Aus dem Platzen der sogenannten Dot-Com-Bubble 2000 hatte offenbar niemand gelernt. Da die Provisionen für den Abschluss von Immobilienkrediten attraktiv waren, wurden schon Jahre vor dem Zusammenbruch unglaubliche viele Kredite vergeben. Allerdings stieß dieser Bauboom an seine natürlichen Grenzen, denn die meisten Amerikaner hatten sich bereits ihren Traum vom Eigenheim mit Garage und Garten erfüllt. Nichtsdestotrotz wollten Makler, Banken und Bauunternehmen weiter Profite erwirtschaften (was ihr gutes Recht ist) und genehmigten auch Familien und Einzelpersonen geringer Bonität hohe Kredite. Das berühmteste Symbolbild aus dieser Zeit ist die Stripperin, die mehrere Häuser besitzt. Im Oscar prämierten Film The Big Short von Adam McKay aus dem Jahr 2015 wird diese Absurdität auf unterhaltsame Art und Weise dargestellt.
So weit, so gut. Richtig problematisch wurde es dann, als Finanzprodukte aufgelegt wurden, mit denen man Hypotheken-Anleihen gebündelt kaufen konnte. So wurde es Pensionsfonds und anderen institutionellen Investoren möglich, vom sich fortsetzenden Bauboom zu profitieren. Eine entscheidende Rolle spielten dabei die Ratingagenturen Moody’s, Standard & Poor’s, die zusammen mit Fitch Ratings ein Oligopol bilden.
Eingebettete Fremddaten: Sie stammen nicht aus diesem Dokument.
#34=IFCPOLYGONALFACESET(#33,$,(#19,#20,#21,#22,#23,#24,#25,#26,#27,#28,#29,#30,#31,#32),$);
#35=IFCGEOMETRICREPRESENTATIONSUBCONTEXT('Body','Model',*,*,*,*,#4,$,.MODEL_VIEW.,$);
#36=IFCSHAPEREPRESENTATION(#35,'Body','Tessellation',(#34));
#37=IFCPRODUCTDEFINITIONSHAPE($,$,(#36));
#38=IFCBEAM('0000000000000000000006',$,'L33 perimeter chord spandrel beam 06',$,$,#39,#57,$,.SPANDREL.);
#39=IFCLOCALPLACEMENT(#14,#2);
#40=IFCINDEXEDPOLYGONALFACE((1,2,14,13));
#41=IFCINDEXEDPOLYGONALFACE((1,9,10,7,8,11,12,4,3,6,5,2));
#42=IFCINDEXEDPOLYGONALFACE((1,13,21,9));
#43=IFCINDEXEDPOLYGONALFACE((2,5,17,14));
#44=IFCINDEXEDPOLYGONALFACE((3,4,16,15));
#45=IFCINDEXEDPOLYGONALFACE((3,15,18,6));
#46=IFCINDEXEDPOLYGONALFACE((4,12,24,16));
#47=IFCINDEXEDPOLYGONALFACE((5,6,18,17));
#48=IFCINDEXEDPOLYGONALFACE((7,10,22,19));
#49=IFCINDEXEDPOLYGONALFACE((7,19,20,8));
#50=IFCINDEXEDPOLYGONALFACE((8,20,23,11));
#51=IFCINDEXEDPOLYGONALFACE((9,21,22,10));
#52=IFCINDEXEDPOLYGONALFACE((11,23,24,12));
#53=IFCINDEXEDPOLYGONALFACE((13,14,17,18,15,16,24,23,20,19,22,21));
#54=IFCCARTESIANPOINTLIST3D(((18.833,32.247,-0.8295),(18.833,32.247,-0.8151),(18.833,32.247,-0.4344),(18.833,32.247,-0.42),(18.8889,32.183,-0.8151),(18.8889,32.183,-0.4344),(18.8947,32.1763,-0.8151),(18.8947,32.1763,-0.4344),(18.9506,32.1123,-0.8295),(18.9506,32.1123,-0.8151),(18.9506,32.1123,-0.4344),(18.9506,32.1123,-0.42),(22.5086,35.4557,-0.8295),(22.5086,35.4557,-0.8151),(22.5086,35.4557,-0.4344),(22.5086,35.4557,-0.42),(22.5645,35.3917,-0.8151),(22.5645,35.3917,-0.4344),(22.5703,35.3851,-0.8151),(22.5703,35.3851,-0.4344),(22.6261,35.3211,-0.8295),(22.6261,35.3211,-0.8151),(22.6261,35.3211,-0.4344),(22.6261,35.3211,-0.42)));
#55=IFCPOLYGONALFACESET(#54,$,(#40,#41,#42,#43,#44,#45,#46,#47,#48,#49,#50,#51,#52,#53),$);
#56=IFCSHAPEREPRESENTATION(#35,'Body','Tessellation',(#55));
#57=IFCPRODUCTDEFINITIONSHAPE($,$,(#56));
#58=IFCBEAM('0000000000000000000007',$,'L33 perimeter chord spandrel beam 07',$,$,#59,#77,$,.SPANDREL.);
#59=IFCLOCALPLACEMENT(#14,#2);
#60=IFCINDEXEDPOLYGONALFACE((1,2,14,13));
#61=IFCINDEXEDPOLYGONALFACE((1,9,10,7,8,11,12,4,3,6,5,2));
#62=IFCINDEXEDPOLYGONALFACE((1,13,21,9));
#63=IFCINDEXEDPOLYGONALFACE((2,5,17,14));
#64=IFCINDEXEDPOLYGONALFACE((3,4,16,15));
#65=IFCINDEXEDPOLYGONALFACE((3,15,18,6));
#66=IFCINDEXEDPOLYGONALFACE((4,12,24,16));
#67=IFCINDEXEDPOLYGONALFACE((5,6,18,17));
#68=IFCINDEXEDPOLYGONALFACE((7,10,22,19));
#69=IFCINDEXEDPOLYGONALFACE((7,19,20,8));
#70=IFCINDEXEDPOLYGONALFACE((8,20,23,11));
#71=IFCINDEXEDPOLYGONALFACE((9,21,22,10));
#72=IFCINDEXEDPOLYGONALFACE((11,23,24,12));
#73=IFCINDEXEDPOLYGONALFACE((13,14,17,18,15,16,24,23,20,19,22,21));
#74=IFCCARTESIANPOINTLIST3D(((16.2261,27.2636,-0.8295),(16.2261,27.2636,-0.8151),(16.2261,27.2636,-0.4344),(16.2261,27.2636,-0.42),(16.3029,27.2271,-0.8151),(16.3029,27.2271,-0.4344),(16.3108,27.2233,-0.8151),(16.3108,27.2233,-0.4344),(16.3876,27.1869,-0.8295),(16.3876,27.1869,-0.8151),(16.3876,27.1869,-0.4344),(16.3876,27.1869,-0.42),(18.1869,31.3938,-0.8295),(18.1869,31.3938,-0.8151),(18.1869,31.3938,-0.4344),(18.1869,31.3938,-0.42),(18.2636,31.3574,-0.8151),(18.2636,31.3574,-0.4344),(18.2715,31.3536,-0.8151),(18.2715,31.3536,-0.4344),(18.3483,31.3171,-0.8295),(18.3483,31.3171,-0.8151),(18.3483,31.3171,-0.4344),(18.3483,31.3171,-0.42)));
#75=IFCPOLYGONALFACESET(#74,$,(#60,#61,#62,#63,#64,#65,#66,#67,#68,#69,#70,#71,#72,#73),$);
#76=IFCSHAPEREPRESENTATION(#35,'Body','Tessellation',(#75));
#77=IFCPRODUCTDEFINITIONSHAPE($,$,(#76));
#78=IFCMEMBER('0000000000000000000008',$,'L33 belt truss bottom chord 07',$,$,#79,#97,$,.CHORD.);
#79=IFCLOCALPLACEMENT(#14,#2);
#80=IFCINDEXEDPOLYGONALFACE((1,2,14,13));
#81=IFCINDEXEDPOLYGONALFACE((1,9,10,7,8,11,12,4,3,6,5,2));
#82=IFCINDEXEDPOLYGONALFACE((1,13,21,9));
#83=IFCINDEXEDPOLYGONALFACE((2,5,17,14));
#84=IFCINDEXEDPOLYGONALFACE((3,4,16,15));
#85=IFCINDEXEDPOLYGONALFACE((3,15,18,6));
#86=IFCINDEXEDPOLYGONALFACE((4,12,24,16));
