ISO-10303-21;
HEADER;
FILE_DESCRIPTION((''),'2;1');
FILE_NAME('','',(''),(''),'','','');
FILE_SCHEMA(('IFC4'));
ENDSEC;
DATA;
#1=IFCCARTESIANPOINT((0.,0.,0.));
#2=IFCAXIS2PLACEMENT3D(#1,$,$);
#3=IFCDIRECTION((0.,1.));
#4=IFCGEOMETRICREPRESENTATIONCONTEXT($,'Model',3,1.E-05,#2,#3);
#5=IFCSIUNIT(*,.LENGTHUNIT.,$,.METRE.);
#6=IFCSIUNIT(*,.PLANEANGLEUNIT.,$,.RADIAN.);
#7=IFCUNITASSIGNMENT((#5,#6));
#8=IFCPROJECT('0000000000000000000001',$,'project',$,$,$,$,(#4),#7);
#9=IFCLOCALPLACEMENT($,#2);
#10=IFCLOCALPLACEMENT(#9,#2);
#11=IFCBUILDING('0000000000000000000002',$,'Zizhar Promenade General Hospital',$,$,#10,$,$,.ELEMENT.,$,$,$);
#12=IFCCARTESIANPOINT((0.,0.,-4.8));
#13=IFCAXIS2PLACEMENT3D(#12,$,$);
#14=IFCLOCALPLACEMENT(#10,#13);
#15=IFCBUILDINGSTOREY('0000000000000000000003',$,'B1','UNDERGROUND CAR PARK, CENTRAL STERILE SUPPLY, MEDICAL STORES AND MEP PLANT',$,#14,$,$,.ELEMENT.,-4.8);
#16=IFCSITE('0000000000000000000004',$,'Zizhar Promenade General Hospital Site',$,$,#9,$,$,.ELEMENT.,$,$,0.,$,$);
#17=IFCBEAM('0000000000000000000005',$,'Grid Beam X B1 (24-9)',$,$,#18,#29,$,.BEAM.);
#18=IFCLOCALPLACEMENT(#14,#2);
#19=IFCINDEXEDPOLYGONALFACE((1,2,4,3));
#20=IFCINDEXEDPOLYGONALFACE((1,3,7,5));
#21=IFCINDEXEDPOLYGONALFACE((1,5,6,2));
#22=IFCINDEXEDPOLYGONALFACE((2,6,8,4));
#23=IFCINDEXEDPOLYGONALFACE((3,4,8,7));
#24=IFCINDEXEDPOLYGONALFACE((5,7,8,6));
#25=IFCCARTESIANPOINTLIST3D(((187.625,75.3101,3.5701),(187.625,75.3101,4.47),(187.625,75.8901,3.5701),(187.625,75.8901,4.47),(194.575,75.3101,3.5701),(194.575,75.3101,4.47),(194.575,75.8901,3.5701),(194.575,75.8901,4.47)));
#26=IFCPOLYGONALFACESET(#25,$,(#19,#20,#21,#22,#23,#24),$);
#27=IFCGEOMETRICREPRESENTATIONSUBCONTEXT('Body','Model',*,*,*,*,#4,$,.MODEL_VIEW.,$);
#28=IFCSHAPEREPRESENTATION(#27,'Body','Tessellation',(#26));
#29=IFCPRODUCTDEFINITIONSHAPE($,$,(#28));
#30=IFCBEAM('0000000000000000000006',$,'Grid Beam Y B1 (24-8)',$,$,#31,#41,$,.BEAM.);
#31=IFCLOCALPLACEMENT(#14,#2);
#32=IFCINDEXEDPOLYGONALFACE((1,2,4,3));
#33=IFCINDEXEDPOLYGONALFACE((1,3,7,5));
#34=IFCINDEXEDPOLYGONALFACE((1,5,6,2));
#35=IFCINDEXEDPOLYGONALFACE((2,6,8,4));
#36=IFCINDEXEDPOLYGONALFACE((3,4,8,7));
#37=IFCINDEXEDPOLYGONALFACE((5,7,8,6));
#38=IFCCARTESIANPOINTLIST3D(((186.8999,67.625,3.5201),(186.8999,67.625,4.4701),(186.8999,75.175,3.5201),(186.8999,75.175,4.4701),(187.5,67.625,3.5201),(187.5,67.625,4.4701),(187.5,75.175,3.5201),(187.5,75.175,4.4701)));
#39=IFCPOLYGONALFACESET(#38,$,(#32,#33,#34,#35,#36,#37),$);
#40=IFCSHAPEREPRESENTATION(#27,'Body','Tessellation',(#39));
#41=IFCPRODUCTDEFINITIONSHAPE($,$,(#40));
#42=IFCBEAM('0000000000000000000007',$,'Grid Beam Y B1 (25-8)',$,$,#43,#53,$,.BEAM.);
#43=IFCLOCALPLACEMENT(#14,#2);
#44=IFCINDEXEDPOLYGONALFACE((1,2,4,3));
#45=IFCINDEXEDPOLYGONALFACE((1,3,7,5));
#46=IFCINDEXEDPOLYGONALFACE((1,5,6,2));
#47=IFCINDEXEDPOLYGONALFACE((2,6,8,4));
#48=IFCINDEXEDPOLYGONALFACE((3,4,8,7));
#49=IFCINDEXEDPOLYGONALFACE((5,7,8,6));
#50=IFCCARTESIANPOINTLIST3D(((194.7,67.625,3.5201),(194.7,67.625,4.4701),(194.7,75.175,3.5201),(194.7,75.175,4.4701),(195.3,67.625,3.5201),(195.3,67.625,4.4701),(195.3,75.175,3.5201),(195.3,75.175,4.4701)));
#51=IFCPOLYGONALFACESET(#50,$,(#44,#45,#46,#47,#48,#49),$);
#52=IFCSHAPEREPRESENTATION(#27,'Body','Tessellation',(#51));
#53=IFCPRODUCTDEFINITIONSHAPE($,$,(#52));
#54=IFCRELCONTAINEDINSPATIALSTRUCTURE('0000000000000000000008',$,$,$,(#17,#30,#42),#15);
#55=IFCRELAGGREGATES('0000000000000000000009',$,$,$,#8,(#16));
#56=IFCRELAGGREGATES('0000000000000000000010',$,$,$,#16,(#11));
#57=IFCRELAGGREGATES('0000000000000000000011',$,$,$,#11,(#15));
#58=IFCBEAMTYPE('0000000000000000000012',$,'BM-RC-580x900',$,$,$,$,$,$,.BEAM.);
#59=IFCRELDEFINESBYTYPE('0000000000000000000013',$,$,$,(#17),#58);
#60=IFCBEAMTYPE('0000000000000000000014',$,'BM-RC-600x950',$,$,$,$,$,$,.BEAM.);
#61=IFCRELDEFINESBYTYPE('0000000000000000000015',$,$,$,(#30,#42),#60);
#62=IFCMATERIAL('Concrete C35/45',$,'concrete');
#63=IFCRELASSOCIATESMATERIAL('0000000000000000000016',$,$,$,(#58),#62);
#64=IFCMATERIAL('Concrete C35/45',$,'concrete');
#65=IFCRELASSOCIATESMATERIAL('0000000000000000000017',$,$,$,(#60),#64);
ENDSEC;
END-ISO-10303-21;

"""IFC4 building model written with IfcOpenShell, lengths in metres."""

from ifc_helpers import new_model, si_unit, direction, frame, origin, origin_2d, place, context, subcontext, project, spatial, rectangle, extrude, material, material_profile, profile_set, type_object, element, save


model = new_model("IFC4")

# Units and contexts
model_context = context("Model", 3, precision=1e-05, world=origin(), true_north=direction((0.0, 1.0)))
body_context = subcontext(model_context, "Body", "Model", "MODEL_VIEW")
ifc_project = project(units=[si_unit("LENGTHUNIT", "METRE"), si_unit("PLANEANGLEUNIT", "RADIAN")], contexts=[model_context])

# Site, building, storey
site_placement = place(None, origin())
site = spatial("IfcSite", under=ifc_project, at=site_placement, Name="Zizhar Promenade General Hospital Site", CompositionType="ELEMENT", RefElevation=0.0)
building_placement = place(site_placement, origin())
building = spatial("IfcBuilding", under=site, at=building_placement, Name="Zizhar Promenade General Hospital", CompositionType="ELEMENT")
storey_placement = place(building_placement, frame((0.0, 0.0, -4.8)))
storey = spatial("IfcBuildingStorey", under=building, at=storey_placement, Name="B1", Description="UNDERGROUND CAR PARK, CENTRAL STERILE SUPPLY, MEDICAL STORES AND MEP PLANT", CompositionType="ELEMENT", Elevation=-4.8)

# Beams
ifc_material_1 = material(Name="Concrete C35/45", Category="concrete")
ifc_material_profile_1 = material_profile(ifc_material_1, rectangle(XDim=0.5801, YDim=0.8999, at=origin_2d()))
ifc_profile_set_1 = profile_set([ifc_material_profile_1], Name="Concrete C35/45")
beam_type_1 = type_object("IfcBeamType", Name="BM-RC-580x900", PredefinedType="BEAM", material=ifc_profile_set_1)
for number, where, z_axis, x_axis, name in (
    (1, (187.625, 75.6001, 4.02), (1.0, 0.0, 0.0), (0.0, 1.0, 0.0), "Grid Beam X B1 (24-9)"),
):
    element("IfcBeam", number, at=place(storey_placement, frame(where, z_axis=z_axis, x_axis=x_axis)), inside=storey, type_object=beam_type_1, Name=name, PredefinedType="BEAM", context=body_context, shape_type="SweptSolid", body=[
        extrude(rectangle(XDim=0.5801, YDim=0.8999, at=origin_2d()), origin(), (0.0, 0.0, 1.0), 6.95),
    ])
ifc_material_2 = material(Name="Concrete C35/45", Category="concrete")
ifc_material_profile_2 = material_profile(ifc_material_2, rectangle(XDim=0.6001, YDim=0.95, at=origin_2d()))
ifc_profile_set_2 = profile_set([ifc_material_profile_2], Name="Concrete C35/45")
beam_type_2 = type_object("IfcBeamType", Name="BM-RC-600x950", PredefinedType="BEAM", material=ifc_profile_set_2)
for number, where, z_axis, x_axis, name in (
    (2, (187.2, 67.625, 3.9951), (0.0, 1.0, 0.0), (-1.0, 0.0, 0.0), "Grid Beam Y B1 (24-8)"),
    (3, (195.0, 67.625, 3.9951), (0.0, 1.0, 0.0), (-1.0, 0.0, 0.0), "Grid Beam Y B1 (25-8)"),
):
    element("IfcBeam", number, at=place(storey_placement, frame(where, z_axis=z_axis, x_axis=x_axis)), inside=storey, type_object=beam_type_2, Name=name, PredefinedType="BEAM", context=body_context, shape_type="SweptSolid", body=[
        extrude(rectangle(XDim=0.6001, YDim=0.95, at=origin_2d()), origin(), (0.0, 0.0, 1.0), 7.55),
    ])

save(model, "model.ifc")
Diese Agenturen bewerteten die Hypotheken-Anleihen (Collateralized Debt Obligations, CDOs), obwohl sie auf faulen Krediten basierten, mit den bestmöglichen „Noten“ AAA, AA und A. (Die Skala geht in der Regel so: AAA steht für die höchste Sicherheit, danach kommen AA, A, BBB, BB, B, CCC, CC, C usw.) Normaler- und fairerweise hätten diese Finanzprodukte höchstens als „C“ bewertet dürfen, doch die Ratingagenturen taten dies nicht und so investieren Institutionen Milliarden über Milliarden in diese CDOs – mit einem Gefühl der Sicherheit.
Als dann Hedgefonds-Manager wie Michael Burry oder Steve Eisman diesen Schwindel und die daraus resultierende „Blase“ erkannten, wollte ihnen niemand glauben. Goldman Sachs, Deutsche Bank, Credit Suisse und andere Großbanken hielten vor allem den Kalifornier Michael Burry für verrückt und machten sich über seine Theorie lustig. Dennoch erstellten sie für seinen Hedgefonds passende Produkte, mit denen er gegen die CDOs wetten konnte: CDS (Credit Default Swaps). Einige Monate sah es tatsächlich danach aus, als ob Burry und Eisman sich geirrt hätten, doch dann nahmen die Kreditausfälle immer weiter und weiter zu, der Wert der CDS schoss in die Höhe. Die Querdenker rund um Burry verdienten hunderte Millionen Dollars, während der Immobilienmarkt zusammenbrach und Banken, die große CDO-Bestände hielten, wie etwa Lehman Brothers, gingen pleite.
Wer war also schuld? Es waren die Ratingagenturen mit ihren irreführenden Bewertungen, auf die alle, außer eine Handvoll Fondsmanager, vertraut haben. Bis heute gab es keine Konsequenzen für Standard & Poor’s, Moody’s oder Fitch – sie bewerten fröhlich weiter. Ebenfalls schlimm: es gibt immer noch keine europäische Ratingagentur und auch keine nennenswerte und anerkannte asiatische, das heißt, die USA dominieren das für die Wirtschaft extrem sensible Rating-Business bis dato weltweit.